Is India really an investor-friendly nation?

By: |
November 6, 2020 7:30 AM

SC stays Antrix award; a Vodafone challenge is also likely

supreme courtSC said that an offence under the SC/ST Act would be made out when a member of the vulnerable section of the Society is subjected to "indignities, humiliations and harassment" in any place within public view.

When the Andhra Pradesh government decided to review wind and solar power purchase agreements last year, the central government was quick to criticise the decision and called it unfortunate. Union minister of power, RK Singh, flashing his government’s investor-friendly credentials, had said that “People come and invest in this country with a faith that any contract they sign will be honoured. If you start abrogating contracts, then people will stop coming and invest”.

Yet, for all of this, the central government’s own record in honouring arbitration awards and contracts has been less than exemplary. The Antrix-Devas case is a classic instance of this. On Tuesday, the Supreme Court stayed the execution of an arbitral award against Isro’s commercial arm Antrix Corporation to pay $1.2 billion in compensation to Devas after both the attorney general and solicitor general, appearing for Antrix, requested the Court to keep the award in abeyance, delaying the payment further. The International Court of Arbitration had decided the case in favour of Devas in 2015, but the government has since dragged the matter.

Devas is not the only case where the government seems to be backtracking on decisions of international arbitration. Earlier this week, finance secretary Ajay Bhushan Pandey had remarked that the government had time till December to appeal against the verdict of the international panel that had scrapped levy of Rs 22,100 crore tax on Vodafone group using a retrospective law. While the government has not made its decision whether it would appeal the case or not, it is important to remember that the former finance minister Arun Jaitley, in the first stint of this government, had assured investors that the government will honour arbitration awards in retrospective tax cases. While the government may not have much of a cash outgo as a result of the Vodafone award—just Rs 75 crore has to be paid—the reason why it wants to challenge the award is that, if Cairn Energy wins its arbitration award, the government will have to shell out close to Rs 10,500 crore in damages.

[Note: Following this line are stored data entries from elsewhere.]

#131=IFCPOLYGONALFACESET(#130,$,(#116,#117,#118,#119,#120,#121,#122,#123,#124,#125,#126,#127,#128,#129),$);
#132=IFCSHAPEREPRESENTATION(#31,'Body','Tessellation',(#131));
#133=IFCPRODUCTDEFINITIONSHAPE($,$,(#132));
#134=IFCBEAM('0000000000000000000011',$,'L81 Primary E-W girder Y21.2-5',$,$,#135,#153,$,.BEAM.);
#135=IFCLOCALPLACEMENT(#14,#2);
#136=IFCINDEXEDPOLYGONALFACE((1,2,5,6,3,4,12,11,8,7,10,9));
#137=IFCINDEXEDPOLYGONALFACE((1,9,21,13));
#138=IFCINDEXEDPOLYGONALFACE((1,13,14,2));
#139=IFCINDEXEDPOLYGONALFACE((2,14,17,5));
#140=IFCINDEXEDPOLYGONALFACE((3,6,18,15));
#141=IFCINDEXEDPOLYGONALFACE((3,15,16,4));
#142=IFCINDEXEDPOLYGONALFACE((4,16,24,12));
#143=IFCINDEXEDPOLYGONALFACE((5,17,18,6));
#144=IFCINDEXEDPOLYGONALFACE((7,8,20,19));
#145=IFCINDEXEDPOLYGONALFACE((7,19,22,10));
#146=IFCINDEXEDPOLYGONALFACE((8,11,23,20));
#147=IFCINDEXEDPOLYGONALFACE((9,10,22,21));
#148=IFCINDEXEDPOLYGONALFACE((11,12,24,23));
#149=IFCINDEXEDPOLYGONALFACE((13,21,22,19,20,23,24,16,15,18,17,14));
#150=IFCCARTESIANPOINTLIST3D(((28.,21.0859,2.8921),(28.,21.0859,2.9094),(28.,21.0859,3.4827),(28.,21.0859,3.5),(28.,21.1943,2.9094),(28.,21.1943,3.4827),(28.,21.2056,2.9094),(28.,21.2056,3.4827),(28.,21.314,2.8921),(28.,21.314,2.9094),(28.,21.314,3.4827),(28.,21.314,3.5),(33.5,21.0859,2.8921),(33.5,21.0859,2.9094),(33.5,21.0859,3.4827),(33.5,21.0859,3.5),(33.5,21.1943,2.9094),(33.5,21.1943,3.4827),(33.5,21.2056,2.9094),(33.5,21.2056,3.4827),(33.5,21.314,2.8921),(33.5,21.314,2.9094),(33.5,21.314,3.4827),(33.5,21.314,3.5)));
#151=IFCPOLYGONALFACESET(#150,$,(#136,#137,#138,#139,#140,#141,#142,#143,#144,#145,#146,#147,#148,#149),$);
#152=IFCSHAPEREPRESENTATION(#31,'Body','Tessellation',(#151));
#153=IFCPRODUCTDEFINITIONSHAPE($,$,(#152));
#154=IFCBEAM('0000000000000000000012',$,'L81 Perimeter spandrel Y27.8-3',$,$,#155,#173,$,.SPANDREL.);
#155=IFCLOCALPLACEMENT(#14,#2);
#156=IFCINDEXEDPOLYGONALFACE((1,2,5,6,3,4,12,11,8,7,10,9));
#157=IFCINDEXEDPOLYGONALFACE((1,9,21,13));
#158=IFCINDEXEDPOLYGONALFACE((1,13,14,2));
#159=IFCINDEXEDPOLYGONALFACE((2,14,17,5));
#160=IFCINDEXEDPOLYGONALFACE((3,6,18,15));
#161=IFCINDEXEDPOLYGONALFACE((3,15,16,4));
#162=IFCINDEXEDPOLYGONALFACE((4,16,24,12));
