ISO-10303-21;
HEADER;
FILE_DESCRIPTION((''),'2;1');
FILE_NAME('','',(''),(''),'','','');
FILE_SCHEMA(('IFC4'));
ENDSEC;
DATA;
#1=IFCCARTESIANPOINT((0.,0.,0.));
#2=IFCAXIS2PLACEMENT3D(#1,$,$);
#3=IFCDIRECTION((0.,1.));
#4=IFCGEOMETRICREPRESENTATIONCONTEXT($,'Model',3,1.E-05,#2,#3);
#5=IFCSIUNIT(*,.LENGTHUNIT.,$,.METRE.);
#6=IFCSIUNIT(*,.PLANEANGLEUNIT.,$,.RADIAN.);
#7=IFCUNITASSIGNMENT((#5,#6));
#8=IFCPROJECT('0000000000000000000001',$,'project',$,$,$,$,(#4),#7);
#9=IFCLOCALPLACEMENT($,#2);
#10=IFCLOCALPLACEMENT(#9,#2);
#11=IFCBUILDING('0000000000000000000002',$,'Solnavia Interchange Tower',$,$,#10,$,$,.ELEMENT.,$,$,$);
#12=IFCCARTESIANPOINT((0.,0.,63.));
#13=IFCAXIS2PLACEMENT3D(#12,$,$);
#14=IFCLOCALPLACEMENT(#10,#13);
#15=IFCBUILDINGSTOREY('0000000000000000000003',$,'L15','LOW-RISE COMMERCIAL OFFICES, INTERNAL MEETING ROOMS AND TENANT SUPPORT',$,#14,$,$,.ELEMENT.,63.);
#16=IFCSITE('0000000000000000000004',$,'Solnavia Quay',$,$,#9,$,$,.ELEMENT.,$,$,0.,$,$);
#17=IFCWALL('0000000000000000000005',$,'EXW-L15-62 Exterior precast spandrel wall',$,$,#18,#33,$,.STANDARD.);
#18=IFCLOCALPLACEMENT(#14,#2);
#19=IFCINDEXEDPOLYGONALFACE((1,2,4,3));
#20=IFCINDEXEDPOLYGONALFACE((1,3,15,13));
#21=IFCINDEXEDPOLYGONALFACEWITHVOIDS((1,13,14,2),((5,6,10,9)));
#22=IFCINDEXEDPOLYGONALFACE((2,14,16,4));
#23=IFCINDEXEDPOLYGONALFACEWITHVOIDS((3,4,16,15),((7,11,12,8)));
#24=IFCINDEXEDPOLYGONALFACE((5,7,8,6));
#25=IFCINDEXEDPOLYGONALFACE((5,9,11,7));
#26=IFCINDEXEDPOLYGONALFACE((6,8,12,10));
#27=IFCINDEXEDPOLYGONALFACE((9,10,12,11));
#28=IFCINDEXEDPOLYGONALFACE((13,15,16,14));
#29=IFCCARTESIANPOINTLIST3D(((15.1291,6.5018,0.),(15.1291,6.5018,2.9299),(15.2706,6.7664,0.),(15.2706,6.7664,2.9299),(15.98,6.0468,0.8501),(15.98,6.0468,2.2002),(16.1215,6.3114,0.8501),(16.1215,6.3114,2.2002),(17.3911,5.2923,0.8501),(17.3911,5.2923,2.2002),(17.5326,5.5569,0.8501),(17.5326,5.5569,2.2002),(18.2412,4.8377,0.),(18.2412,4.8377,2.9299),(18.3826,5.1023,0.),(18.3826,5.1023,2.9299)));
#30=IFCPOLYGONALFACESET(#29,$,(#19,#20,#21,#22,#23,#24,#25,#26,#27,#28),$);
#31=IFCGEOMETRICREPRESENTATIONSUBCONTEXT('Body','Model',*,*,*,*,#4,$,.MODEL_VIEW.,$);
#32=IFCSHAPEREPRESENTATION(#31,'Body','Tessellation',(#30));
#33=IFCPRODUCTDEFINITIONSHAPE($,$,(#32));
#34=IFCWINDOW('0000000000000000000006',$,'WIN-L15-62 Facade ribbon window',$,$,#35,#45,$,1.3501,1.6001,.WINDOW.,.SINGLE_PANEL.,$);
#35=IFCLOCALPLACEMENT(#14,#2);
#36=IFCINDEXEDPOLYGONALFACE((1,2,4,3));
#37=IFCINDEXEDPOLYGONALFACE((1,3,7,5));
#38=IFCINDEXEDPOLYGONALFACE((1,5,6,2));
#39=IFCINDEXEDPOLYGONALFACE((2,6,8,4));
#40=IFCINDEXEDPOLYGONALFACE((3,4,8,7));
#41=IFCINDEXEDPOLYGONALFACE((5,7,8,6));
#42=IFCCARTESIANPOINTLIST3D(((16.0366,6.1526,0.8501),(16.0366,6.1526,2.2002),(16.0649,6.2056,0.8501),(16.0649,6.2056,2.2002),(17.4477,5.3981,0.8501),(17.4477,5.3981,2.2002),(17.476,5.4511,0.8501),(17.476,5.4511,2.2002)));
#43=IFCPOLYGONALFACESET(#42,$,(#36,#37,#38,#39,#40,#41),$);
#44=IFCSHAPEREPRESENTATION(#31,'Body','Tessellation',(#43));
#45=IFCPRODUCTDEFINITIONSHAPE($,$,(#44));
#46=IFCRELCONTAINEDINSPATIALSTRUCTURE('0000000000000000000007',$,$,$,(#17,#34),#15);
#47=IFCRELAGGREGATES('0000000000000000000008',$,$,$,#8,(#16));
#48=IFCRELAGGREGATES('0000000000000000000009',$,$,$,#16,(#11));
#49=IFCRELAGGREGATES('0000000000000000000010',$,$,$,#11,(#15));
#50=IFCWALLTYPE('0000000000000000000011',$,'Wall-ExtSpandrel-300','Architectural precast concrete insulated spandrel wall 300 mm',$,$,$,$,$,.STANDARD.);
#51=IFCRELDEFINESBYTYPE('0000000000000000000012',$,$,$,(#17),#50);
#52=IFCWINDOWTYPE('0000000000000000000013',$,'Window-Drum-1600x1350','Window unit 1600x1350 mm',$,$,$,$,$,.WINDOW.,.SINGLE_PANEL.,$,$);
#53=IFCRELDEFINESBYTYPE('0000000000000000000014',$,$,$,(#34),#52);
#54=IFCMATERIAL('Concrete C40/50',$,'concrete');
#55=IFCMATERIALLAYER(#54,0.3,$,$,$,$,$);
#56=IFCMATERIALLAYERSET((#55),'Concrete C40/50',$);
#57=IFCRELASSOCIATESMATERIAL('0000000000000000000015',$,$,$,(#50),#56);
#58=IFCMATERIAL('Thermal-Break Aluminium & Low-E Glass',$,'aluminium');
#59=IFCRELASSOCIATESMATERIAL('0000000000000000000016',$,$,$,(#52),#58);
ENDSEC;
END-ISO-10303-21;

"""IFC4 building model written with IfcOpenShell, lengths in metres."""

from ifc_helpers import new_model, si_unit, direction, frame, frame_2d, origin, place, context, subcontext, project, spatial, rectangle, extrude, material, layer, layer_set, type_object, element, fill, save


model = new_model("IFC4")

# Units and contexts
model_context = context("Model", 3, precision=1e-05, world=origin(), true_north=direction((0.0, 1.0)))
body_context = subcontext(model_context, "Body", "Model", "MODEL_VIEW")
ifc_project = project(units=[si_unit("LENGTHUNIT", "METRE"), si_unit("PLANEANGLEUNIT", "RADIAN")], contexts=[model_context])

# Site, building, storey
site_placement = place(None, origin())
site = spatial("IfcSite", under=ifc_project, at=site_placement, Name="Solnavia Quay", CompositionType="ELEMENT", RefElevation=0.0)
building_placement = place(site_placement, origin())
building = spatial("IfcBuilding", under=site, at=building_placement, Name="Solnavia Interchange Tower", CompositionType="ELEMENT")
storey_placement = place(building_placement, frame((0.0, 0.0, 63.0)))
storey = spatial("IfcBuildingStorey", under=building, at=storey_placement, Name="L15", Description="LOW-RISE COMMERCIAL OFFICES, INTERNAL MEETING ROOMS AND TENANT SUPPORT", CompositionType="ELEMENT", Elevation=63.0)

# Wall, opening, window
ifc_material_1 = material(Name="Concrete C40/50", Category="concrete")
ifc_layer_1 = layer(ifc_material_1, 0.3)
ifc_layer_set_1 = layer_set([ifc_layer_1], Name="Concrete C40/50")
wall_type = type_object("IfcWallType", Name="Wall-ExtSpandrel-300", Description="Architectural precast concrete insulated spandrel wall 300 mm", PredefinedType="STANDARD", material=ifc_layer_set_1)
wall_placement = place(storey_placement, frame((18.312, 4.97, 0.0), z_axis=(0.0, 0.0, 1.0), x_axis=(-0.881847, 0.471536, 0.0)))
wall = element("IfcWall", 1, at=wall_placement, inside=storey, type_object=wall_type, Name="EXW-L15-62 Exterior precast spandrel wall", PredefinedType="STANDARD", context=body_context, shape_type="SweptSolid", body=[
    extrude(rectangle(XDim=3.5291, YDim=0.3, at=frame_2d((1.7646, 0.0))), origin(), (0.0, 0.0, 1.0), 2.9299),
])
opening_placement = place(wall_placement, frame((0.9641, 0.0, 0.8501)))
opening = element("IfcOpeningElement", 2, at=opening_placement, cuts=wall, PredefinedType="OPENING", context=body_context, shape_type="SweptSolid", body=[
    extrude(rectangle(XDim=1.6001, YDim=1.3501, at=frame_2d((0.8, 0.675))), frame((0.0, 0.1602, 0.0), z_axis=(0.0, -1.0, 0.0), x_axis=(1.0, 0.0, 0.0)), (0.0, 0.0, 1.0), 0.3201),
])
ifc_material_2 = material(Name="Thermal-Break Aluminium & Low-E Glass", Category="aluminium")
window_type = type_object("IfcWindowType", Name="Window-Drum-1600x1350", Description="Window unit 1600x1350 mm", PartitioningType="SINGLE_PANEL", PredefinedType="WINDOW", material=ifc_material_2)
window_placement = place(opening_placement, origin())
window = element("IfcWindow", 3, at=window_placement, inside=storey, type_object=window_type, Name="WIN-L15-62 Facade ribbon window", OverallHeight=1.3501, OverallWidth=1.6001, PartitioningType="SINGLE_PANEL", PredefinedType="WINDOW", context=body_context, shape_type="SweptSolid", body=[
    extrude(rectangle(XDim=1.6001, YDim=1.3501, at=frame_2d((0.8, 0.675))), frame((0.0, 0.03, 0.0), z_axis=(0.0, -1.0, 0.0), x_axis=(1.0, 0.0, 0.0)), (0.0, 0.0, 1.0), 0.0601),
])
fill(opening, window)

save(model, "model.ifc")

Though the Indian law states that arbitration awards are only to be challenged rarely, and on very limited grounds like fraud, the government has gone ahead and challenged most awards that go against it. In fact, the government even flexed its muscle in the Tata Docomo case, where it was not even a party. Despite the arbitration court asking Tatas to pay Docomo damages based on a contract they had signed—and the Tatas were happy to honour the award—the government contended that since the original Tata-Docomo contract was not permitted under Indian law, the damages couldn’t be paid.

That all of this should happen just around the time the prime minister hopes to woo foreign investors and convince them of India’s investor-friendly policy regime makes it clear investing in India is still a big risk.